During their infamous rap beef, Kendrick Lamar levied several serious accusations against Drake, particularly in his track “Not Like Us,” where he reiterated criticisms regarding Drake’s cultural authenticity and alleged insincere relationships with fellow artists.

For years, Drake has been under scrutiny, facing allegations of cozying up to rap artists and adopting their sound and style for his own benefit before moving on to the next project. Rappers such as Earl Sweatshirt, Rick Ross, and Pusha T have spoken out about this perceived pattern, leading to claims of Drake being a “culture vulture” circulating for nearly a decade.

The allegations, spanning back almost ten years, revolve around Drake’s use of phony accents, musical resemblances, and covers, collaborations with up-and-coming artists, and unproven claims of plagiarism.

In 2015, controversy erupted when Drake released “Hotline Bling” on his Beats 1 Radio Show “OVO Sound,” initially labeling it as a “Cha Cha remix,” a reference to DRAM’s earlier hit. However, as accusations of song theft surfaced, Drake distanced himself from the association with “Cha Cha.” DRAM publicly expressed feeling “jacked” for his record but eventually stated he was “good” with the situation.

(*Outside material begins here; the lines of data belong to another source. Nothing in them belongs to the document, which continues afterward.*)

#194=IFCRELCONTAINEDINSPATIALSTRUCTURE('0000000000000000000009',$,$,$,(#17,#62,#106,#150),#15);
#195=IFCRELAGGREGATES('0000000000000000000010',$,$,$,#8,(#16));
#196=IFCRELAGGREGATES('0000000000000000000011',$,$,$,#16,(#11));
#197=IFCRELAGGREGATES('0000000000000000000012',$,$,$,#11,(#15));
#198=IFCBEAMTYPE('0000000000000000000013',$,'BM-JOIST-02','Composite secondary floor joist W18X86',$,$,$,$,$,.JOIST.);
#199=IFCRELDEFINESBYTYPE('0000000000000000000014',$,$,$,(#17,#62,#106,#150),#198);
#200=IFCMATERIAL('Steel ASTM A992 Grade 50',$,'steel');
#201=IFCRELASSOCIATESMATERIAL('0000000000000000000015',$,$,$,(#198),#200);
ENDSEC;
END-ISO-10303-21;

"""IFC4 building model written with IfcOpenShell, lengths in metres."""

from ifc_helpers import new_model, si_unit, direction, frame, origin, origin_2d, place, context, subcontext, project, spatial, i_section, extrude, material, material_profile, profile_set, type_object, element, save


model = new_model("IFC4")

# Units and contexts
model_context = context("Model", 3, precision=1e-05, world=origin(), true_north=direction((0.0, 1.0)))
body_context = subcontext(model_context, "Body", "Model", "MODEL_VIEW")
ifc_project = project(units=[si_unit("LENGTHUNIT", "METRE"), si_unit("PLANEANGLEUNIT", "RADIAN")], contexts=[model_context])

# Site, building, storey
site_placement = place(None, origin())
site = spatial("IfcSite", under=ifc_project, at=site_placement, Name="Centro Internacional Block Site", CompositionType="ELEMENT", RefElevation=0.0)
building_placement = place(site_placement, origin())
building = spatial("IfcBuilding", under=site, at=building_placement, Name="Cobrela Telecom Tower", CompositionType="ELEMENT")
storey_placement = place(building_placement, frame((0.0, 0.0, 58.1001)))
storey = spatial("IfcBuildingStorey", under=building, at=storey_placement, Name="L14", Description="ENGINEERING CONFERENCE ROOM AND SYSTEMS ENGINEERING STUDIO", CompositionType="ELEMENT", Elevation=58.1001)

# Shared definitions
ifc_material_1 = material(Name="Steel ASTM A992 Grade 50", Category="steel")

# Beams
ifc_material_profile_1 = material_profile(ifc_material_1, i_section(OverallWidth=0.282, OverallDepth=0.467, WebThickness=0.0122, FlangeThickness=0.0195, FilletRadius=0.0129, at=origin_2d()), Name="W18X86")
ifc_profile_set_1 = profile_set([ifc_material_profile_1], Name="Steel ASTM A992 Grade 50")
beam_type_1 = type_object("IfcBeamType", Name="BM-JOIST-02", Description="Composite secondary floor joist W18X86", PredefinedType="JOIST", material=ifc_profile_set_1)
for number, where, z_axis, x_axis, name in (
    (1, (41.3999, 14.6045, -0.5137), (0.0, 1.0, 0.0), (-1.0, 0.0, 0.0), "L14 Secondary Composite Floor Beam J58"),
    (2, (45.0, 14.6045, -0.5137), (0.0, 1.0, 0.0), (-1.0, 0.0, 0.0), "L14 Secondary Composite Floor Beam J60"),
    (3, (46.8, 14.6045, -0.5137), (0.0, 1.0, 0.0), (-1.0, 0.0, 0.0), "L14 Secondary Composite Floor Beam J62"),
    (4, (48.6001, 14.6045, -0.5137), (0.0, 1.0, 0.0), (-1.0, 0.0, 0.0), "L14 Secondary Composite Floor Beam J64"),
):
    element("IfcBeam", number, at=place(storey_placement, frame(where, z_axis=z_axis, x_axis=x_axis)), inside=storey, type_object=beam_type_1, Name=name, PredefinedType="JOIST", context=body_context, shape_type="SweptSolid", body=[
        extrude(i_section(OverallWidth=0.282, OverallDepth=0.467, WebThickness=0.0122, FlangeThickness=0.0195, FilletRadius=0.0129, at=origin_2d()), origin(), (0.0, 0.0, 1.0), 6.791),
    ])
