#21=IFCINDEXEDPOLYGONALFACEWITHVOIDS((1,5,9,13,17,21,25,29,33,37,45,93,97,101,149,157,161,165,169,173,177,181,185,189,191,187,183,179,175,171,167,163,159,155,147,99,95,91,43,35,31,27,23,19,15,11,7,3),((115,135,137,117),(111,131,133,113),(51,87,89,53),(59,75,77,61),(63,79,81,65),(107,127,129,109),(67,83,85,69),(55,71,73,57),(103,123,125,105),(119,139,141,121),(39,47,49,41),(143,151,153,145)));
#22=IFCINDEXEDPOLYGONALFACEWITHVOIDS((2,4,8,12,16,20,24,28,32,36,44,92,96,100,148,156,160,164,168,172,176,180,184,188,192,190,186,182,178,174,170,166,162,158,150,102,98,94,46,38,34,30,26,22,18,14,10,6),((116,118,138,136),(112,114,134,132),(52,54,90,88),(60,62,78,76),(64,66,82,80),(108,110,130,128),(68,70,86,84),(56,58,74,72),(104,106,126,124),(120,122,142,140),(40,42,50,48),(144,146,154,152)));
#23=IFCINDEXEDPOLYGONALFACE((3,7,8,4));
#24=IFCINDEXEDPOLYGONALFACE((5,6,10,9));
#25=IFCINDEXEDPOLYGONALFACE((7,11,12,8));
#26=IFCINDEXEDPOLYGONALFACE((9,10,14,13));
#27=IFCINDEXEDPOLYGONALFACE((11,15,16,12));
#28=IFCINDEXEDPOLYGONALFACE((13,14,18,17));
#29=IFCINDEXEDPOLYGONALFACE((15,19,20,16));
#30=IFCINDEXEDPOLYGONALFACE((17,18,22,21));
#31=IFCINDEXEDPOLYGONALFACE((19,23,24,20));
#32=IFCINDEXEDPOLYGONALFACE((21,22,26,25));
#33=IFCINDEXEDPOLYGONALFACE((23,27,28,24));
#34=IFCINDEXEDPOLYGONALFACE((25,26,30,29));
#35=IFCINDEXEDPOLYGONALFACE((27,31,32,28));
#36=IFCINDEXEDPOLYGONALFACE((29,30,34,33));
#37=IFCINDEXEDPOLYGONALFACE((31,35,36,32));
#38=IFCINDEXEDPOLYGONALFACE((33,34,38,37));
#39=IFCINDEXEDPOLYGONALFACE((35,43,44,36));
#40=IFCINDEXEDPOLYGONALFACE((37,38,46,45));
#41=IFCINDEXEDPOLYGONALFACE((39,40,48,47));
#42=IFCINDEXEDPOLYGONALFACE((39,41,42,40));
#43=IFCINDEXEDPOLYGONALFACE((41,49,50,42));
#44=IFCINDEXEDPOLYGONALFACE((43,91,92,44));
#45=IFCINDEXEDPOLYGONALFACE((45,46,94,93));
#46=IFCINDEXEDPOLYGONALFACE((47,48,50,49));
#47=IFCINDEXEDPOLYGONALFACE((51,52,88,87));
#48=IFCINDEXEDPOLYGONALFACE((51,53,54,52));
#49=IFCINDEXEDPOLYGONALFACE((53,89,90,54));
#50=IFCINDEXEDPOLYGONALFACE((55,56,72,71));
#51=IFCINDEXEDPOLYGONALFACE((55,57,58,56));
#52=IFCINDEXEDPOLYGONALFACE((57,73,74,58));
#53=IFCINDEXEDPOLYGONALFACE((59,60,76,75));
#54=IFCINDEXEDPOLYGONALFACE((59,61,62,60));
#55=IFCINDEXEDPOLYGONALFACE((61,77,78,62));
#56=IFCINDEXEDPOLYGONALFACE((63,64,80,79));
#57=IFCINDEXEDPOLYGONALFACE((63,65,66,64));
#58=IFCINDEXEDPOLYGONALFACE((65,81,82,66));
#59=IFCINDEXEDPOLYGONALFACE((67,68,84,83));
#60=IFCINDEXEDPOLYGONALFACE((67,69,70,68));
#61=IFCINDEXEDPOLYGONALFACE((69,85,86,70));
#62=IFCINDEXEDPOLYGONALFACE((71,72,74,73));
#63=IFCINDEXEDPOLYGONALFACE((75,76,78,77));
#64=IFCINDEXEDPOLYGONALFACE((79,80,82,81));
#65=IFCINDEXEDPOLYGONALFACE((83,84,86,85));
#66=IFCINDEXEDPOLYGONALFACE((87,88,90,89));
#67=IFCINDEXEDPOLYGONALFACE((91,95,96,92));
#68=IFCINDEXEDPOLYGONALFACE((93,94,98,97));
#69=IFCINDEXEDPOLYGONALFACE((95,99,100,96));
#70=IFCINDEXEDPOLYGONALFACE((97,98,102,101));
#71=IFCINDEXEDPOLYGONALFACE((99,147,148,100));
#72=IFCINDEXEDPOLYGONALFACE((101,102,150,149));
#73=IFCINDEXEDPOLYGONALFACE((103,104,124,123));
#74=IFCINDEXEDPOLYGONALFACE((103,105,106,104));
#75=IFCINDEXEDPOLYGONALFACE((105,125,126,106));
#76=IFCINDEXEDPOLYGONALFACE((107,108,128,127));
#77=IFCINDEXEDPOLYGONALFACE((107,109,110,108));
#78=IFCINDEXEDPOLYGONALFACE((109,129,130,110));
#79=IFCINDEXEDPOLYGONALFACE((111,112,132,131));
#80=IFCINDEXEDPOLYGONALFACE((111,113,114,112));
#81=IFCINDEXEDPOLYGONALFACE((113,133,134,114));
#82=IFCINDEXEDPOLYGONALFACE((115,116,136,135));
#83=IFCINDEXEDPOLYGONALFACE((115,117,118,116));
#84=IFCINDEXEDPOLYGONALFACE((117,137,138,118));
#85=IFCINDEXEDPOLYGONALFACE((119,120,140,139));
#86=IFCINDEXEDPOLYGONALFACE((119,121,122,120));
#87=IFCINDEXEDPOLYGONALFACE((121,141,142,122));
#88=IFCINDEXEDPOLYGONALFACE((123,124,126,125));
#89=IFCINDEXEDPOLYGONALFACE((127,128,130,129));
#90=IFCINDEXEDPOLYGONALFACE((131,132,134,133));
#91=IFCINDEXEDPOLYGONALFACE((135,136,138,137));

Drake defended himself in a 2015 interview with The Fader, attributing the similarities between “Hotline Bling” and “Cha Cha” to shared elements of Jamaican music, such as the “riddim.” However, Gabe Niles, the producer of “Cha Cha,” refuted Drake’s claim, stating that the song does not sample Timmy Thomas’ track.

Such controversies have dogged Drake’s career, with Lamar’s criticisms being the latest addition to a history of allegations regarding Drake’s potentially exploitative industry practices. However, defenders of Drake argue that the issue is not one of exploiting Black cultures and artists but rather one of race.

Discussions surrounding Lamar’s lyrics quickly evolved into debates about race in the hip-hop industry, with Drake’s biracial identity and Canadian nationality often cited as factors affecting his reception in the industry.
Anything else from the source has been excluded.